GKE Autopilot clusters restrict some escape vectors by enforcing security constraints, but they also limit the security team's ability to deploy detection tooling. This tradeoff between operational security and visibility is something practitioners need to evaluate case by case.
Detection Engineering for Kubernetes Attacks
Container escape and cloud credential theft appear across two separate audit streams: Kubernetes audit logs capture exec calls and API anomalies, while CloudTrail records the resulting cloud API calls, requiring correlation rules that link both sources to detect the full attack chain.
Detecting Kubernetes attacks in cloud environments requires correlation across two distinct telemetry sources: Kubernetes audit logs and cloud provider audit trails. A container escape won't appear in CloudTrail. It shows up in the Kubernetes audit log as an API call to exec into a pod. The subsequent IAM credential theft appears in CloudTrail but lacks the Kubernetes context explaining how the attacker got there.
Effective detection requires mapping the full attack chain: suspicious exec calls, anomalous API server requests, unexpected service account token usage, and the resulting cloud API calls. Building these detection rules is a core skill we develop in our hands-on bootcamp labs, where participants trace complete attack chains from pod compromise to cloud account takeover.

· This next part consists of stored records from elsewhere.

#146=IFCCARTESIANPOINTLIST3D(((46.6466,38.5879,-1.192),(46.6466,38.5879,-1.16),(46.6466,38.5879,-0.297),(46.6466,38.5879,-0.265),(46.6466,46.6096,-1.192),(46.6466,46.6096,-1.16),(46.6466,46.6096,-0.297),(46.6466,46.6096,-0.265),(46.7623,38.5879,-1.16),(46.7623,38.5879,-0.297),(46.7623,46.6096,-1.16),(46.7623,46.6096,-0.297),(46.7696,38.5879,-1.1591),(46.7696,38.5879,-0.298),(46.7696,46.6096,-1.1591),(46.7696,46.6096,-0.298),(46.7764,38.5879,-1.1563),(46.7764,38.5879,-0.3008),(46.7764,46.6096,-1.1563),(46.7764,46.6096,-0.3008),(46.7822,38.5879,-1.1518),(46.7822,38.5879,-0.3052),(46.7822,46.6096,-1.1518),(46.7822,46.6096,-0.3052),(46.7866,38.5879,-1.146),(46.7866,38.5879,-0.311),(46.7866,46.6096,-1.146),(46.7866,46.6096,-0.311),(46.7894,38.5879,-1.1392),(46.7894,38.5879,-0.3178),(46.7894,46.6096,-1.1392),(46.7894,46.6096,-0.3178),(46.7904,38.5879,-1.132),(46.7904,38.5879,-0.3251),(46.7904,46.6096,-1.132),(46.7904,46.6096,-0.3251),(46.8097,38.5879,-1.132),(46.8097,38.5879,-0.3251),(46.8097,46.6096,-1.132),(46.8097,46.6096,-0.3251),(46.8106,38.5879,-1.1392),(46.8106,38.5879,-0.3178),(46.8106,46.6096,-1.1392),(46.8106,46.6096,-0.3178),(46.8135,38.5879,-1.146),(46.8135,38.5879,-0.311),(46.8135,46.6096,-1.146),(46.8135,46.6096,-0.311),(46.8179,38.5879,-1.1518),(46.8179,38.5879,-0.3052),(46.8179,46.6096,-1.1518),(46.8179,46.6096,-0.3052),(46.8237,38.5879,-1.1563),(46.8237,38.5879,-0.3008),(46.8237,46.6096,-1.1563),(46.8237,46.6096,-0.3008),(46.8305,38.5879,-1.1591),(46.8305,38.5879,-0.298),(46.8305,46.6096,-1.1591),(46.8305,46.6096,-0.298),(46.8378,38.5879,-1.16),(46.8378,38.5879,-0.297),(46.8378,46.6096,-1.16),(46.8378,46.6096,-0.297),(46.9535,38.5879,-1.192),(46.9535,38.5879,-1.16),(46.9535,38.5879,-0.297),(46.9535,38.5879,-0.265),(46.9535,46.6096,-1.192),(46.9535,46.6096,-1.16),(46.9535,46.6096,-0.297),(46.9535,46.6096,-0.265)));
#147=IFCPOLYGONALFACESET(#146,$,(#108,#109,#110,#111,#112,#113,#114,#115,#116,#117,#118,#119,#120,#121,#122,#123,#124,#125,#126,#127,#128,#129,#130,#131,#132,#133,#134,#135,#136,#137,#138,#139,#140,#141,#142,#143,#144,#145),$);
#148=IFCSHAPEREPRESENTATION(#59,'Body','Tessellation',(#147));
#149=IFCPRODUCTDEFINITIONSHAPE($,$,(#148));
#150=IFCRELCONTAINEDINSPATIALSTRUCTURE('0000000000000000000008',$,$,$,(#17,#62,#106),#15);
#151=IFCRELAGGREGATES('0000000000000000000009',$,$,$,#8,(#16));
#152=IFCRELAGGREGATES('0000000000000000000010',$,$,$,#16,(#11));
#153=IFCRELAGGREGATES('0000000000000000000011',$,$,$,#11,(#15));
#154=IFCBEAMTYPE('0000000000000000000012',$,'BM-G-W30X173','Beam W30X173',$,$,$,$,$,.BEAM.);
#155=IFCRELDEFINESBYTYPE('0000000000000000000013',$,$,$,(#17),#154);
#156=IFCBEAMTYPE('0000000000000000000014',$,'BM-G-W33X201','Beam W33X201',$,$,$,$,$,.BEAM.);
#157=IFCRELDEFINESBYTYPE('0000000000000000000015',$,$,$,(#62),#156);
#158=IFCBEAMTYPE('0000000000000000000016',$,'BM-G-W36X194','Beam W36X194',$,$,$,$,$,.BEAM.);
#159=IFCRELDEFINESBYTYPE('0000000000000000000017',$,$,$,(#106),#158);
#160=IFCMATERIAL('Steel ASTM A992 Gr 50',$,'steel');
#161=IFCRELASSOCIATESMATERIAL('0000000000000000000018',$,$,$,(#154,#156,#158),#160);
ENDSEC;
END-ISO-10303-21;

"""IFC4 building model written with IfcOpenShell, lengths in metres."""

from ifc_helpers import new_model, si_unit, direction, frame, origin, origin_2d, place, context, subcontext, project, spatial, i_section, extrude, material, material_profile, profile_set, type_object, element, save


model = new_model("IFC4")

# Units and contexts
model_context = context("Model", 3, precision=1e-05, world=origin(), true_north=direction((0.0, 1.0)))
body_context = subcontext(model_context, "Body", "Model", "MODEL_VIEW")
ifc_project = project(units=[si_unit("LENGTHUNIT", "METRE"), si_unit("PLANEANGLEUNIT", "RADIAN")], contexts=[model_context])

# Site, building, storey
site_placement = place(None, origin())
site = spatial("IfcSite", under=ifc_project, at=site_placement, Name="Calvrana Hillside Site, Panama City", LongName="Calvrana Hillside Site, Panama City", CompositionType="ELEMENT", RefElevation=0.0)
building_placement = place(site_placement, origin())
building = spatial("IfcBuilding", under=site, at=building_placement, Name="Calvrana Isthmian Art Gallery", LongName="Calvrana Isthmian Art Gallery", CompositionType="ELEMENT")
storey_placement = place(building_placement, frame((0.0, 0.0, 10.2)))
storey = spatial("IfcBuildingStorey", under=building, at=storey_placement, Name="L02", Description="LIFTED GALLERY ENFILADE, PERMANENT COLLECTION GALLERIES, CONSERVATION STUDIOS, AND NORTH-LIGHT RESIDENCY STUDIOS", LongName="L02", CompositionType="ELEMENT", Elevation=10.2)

Building the Skills That Matter
Kubernetes security requires fluency across container orchestration, cloud IAM, and penetration testing, three distinct skill domains that practitioners must integrate to identify critical attack paths. Organizations that invest in building these hybrid skills find the attack vectors that adversaries exploit in production environments.

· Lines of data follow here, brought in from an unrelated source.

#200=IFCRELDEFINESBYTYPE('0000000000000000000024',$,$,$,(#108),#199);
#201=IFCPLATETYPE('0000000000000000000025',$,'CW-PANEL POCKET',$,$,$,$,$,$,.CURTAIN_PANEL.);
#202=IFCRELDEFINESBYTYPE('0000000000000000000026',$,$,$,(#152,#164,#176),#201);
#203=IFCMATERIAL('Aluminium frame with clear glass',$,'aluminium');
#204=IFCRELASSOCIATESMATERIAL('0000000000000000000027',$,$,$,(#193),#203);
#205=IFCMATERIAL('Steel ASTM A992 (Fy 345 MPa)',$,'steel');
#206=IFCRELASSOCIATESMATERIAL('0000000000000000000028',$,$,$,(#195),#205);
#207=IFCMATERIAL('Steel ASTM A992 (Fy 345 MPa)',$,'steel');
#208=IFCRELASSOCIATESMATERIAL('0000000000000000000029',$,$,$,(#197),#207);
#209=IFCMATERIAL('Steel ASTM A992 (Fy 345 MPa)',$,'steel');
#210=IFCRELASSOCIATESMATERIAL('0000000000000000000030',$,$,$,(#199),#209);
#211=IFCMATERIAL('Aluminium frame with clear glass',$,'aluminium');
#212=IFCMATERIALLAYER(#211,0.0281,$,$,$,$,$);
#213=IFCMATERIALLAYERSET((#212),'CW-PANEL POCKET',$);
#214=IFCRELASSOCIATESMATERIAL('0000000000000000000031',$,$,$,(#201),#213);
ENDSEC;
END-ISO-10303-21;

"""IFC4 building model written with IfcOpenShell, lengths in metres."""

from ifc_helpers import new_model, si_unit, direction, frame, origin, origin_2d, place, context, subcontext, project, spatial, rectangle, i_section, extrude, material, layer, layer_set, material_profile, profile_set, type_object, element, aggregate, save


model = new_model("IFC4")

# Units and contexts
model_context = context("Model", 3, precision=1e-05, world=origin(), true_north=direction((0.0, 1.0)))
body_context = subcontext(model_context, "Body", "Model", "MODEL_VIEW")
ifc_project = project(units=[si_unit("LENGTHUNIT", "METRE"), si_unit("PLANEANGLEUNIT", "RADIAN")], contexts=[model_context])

Kubernetes security in cloud environments sits at the intersection of container orchestration knowledge, cloud IAM expertise, and traditional penetration testing skills. Practitioners who can bridge all three domains are exceptionally rare, and exceptionally valuable. The organizations that invest in building these hybrid skills are the ones that find the critical attack paths before adversaries do.
Bottom Line
Kubernetes has emerged as the primary pivot point in cloud attacks, with pod identity mechanisms (IRSA, Workload Identity, Workload Identity Federation) enabling direct federation from container compromise to cloud account access. The attack chain of pod compromise, container escape, and cloud credential theft is repeatable across EKS, AKS, and GKE, making Kubernetes RBAC and cloud IAM integration the highest-value attack surface in managed Kubernetes environments. Detection requires correlating signals across Kubernetes audit logs and cloud provider audit trails to identify lateral movement before cloud APIs are abused.